# Angel Eyes foglights Installed



## Nismo Stu (Nov 14, 2002)

Well since some people found the unofficial Angel eyes install thread I have made this Official Angel Eyes install thread for the rest of the people who haven't found it yet.

I installed the Optilux Angel Eyes for Hella that cost $60. They're mounting kit that came with it was two self threading screws that mounts the foglights onto the bumper. I had to make an adapter bracket to make it fit to the OEM foglight opening which is oval shaped. The Angel Eyes foglights will fit into the oval opening but there will be gaps to the side of the fogs. If you haven't played will the OEM foglights the screw that mounts it to the bumper is on the top side of the foglight assembly. you can probably reach the mounting screw with a 1/4 inch ratchet and universal joint using a 10MM socket. Or you can take the whole bumper off of the car by pulling the quick release fastners on top and on the bottom of the bumper. there are also six screws that hold the bumper to the chasis. one is located near the headlight assembly and two by the wheel well on the left and right side of the car.

Once you have taken all those fasteners off you can just pry off the bumper from the snap in retaining clips.

The adapter bracket that i made was just a 1X4 inch piece of metal with two matching holes to the Angel Eyes foglights bracket and i just used some nuts and bolts that i had lying around the garage.

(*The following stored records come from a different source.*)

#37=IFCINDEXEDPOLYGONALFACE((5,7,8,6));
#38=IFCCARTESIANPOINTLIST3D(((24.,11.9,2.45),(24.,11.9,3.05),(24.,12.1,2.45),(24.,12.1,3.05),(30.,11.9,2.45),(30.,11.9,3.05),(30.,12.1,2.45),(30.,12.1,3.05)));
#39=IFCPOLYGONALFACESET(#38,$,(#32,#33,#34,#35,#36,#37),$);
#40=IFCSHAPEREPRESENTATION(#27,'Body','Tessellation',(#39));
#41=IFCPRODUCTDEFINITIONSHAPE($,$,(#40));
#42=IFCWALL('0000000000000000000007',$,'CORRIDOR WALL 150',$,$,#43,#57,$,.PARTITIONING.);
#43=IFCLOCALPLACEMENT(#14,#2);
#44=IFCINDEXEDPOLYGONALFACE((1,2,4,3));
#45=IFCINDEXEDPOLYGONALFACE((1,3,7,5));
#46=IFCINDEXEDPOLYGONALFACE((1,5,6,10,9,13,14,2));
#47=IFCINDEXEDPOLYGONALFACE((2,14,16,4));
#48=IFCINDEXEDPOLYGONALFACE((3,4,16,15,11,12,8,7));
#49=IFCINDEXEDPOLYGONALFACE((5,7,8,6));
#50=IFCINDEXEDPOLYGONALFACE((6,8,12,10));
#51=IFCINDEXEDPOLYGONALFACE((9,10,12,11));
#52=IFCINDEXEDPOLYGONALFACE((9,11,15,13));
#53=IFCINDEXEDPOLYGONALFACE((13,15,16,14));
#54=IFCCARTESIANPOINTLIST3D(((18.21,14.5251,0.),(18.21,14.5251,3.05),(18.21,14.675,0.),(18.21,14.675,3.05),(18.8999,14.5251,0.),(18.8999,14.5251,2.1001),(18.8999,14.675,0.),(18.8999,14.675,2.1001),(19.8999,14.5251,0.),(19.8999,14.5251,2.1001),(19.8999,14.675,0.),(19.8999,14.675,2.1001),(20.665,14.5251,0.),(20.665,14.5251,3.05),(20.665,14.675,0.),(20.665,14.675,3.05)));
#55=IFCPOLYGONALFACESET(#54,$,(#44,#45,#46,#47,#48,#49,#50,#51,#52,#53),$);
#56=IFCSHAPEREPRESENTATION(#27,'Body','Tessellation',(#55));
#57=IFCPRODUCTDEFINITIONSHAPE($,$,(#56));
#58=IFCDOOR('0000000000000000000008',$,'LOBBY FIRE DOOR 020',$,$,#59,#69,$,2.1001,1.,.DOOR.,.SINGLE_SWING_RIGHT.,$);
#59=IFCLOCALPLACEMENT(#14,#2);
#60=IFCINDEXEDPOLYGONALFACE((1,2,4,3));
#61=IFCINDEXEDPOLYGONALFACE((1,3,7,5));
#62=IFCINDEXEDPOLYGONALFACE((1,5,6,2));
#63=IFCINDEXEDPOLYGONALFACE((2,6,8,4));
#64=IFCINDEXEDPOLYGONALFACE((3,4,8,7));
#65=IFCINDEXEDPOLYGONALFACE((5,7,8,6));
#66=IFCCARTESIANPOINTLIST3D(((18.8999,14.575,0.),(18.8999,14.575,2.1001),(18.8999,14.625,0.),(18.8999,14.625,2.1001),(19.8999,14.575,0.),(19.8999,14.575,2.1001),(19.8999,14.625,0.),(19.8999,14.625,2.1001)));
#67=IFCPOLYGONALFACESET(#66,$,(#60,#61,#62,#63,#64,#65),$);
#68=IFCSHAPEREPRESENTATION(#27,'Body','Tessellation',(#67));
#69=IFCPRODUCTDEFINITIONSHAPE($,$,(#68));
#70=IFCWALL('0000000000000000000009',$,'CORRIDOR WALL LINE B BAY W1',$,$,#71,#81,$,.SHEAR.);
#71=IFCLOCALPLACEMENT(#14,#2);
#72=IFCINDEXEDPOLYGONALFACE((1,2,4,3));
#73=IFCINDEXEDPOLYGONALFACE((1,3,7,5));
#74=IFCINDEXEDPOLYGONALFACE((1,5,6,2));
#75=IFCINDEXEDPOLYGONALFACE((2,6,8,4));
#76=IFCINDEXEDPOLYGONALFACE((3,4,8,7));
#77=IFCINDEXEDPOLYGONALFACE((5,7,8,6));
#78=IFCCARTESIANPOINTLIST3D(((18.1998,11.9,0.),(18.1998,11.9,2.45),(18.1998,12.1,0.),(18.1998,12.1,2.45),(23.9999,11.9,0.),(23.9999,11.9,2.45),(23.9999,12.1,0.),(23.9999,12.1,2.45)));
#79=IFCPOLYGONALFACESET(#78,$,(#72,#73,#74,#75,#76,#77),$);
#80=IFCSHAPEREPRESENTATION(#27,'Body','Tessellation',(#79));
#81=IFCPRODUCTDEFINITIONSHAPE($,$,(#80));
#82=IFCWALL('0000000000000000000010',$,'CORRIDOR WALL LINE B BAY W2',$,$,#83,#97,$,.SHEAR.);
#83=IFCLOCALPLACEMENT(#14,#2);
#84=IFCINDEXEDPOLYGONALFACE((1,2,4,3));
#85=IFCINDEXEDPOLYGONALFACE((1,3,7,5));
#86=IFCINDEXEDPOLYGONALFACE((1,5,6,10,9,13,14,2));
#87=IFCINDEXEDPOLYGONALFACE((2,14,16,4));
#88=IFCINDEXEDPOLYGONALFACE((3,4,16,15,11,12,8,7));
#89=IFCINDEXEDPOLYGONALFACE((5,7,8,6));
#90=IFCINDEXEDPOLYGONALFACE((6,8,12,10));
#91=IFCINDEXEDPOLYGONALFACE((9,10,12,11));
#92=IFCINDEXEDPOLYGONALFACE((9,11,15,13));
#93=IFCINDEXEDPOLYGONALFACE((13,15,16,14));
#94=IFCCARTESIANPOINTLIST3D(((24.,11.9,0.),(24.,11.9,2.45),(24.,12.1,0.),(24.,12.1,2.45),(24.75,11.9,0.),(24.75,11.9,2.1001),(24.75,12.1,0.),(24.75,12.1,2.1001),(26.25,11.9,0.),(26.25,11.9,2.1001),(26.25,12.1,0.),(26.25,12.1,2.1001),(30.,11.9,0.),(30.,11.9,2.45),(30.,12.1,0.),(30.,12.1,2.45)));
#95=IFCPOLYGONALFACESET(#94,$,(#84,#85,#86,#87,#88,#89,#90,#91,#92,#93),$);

the install took about 4-5 hours due to the fact i had to make brackets for the angel eyes fogs and for my Ichibahn gas pedal.



























Check out the pics on my hompage if the pics don't show up.


http://www.angelfire.com/theforce/nismo_stu/


----------



## ALTYHOLIC (Oct 19, 2002)

Can't see pics, Angelfire says, "excessive bandwidth consumption"
Can you re-size?


----------



## Nismo Stu (Nov 14, 2002)

ALTYHOLIC said:


> *Can't see pics, Angelfire says, "excessive bandwidth consumption"
> Can you re-size? *


Sorry but bandwith will come and go. 
i added some links to villagephoto hope they work.


----------



## Hal Just Hal (Oct 21, 2002)

I know you said you had an issue with the fog light holes being oval and the angel fogs are round. Can you put up a close up pic so we can see the fit.


----------



## Nismo Stu (Nov 14, 2002)

**my'02altima** said:


> *I know you said you had an issue with the fog light holes being oval and the angel fogs are round. Can you put up a close up pic so we can see the fit. *


I'm "working" right now but when i get off from work i'll post more pics.

if u still want to see my Ichibahn shift knob and pedals go to my hompepage later today as soon as i get more bandwidth freed up.


----------



## Hal Just Hal (Oct 21, 2002)

Kewl


----------



## Coco (Apr 30, 2002)

Very nice! Props


----------



## Grimwad (Nov 23, 2002)

I have to do this! It is just beautiful. Great work.


----------



## Nismo Stu (Nov 14, 2002)

**my'02altima** said:


> *I know you said you had an issue with the fog light holes being oval and the angel fogs are round. Can you put up a close up pic so we can see the fit. *


----------



## ALTYHOLIC (Oct 19, 2002)

Ahh...those last pics really tell the story...!
Not a flush mount when viewed from the side.


----------



## Nismo Stu (Nov 14, 2002)

ALTYHOLIC said:


> *Ahh...those last pics really tell the story...!
> Not a flush mount when viewed from the side. *


the foglights have an adjustable bracket that i can play around to make it more flush and get rid of that side gap. 

This weekend im going to fix the aim of the fogs. right now they are pointing skyward.


----------



## nismoprincess (Sep 27, 2002)

looks good


----------



## ALTYHOLIC (Oct 19, 2002)

Nismo Stu said:


> *the foglights have an adjustable bracket that i can play around to make it more flush and get rid of that side gap.
> 
> This weekend im going to fix the aim of the fogs. right now they are pointing skyward.  *


So, it's the bracket which prevents the housing 
from recessing all the way and not the fogs themselves?


----------



## 3-fity (Nov 1, 2002)

Where did you mount the switch?


----------



## Nismo Stu (Nov 14, 2002)

ALTYHOLIC said:


> *So, it's the bracket which prevents the housing
> from recessing all the way and not the fogs themselves? *


it may be a little bit of both the bracket and the oval shape of the opening that makes it stick out. I'll find out for sure this coming weekend when i adjust the foglight aim.


----------



## Nismo Stu (Nov 14, 2002)

alty02 said:


> *Where did you mount the switch? *


alty02:

as far as mounting the switch i still haven't done that yet.
i still have to run it thru the firewall and place it where it wont be an eyesore. temporarily i just have it running on the body panel and into the car.


----------



## 3-fity (Nov 1, 2002)

Might be nice to mount in the cubby under HVAC.


----------



## Nismo Stu (Nov 14, 2002)

alty02 said:


> *Might be nice to mount in the cubby under HVAC. *


Someone else just installed another set of Angel eyes foglights on .net and they did not use the harness assembly that came with the fogs but instead tapped into the OEM wiring to control the foglights. I will try and do that instead of using the switch. if i do that then the auto light shutoff should work for the new foglights.


----------



## 3-fity (Nov 1, 2002)

How would you control the three different functions of the angels compared to the two functions of stock fogs?


----------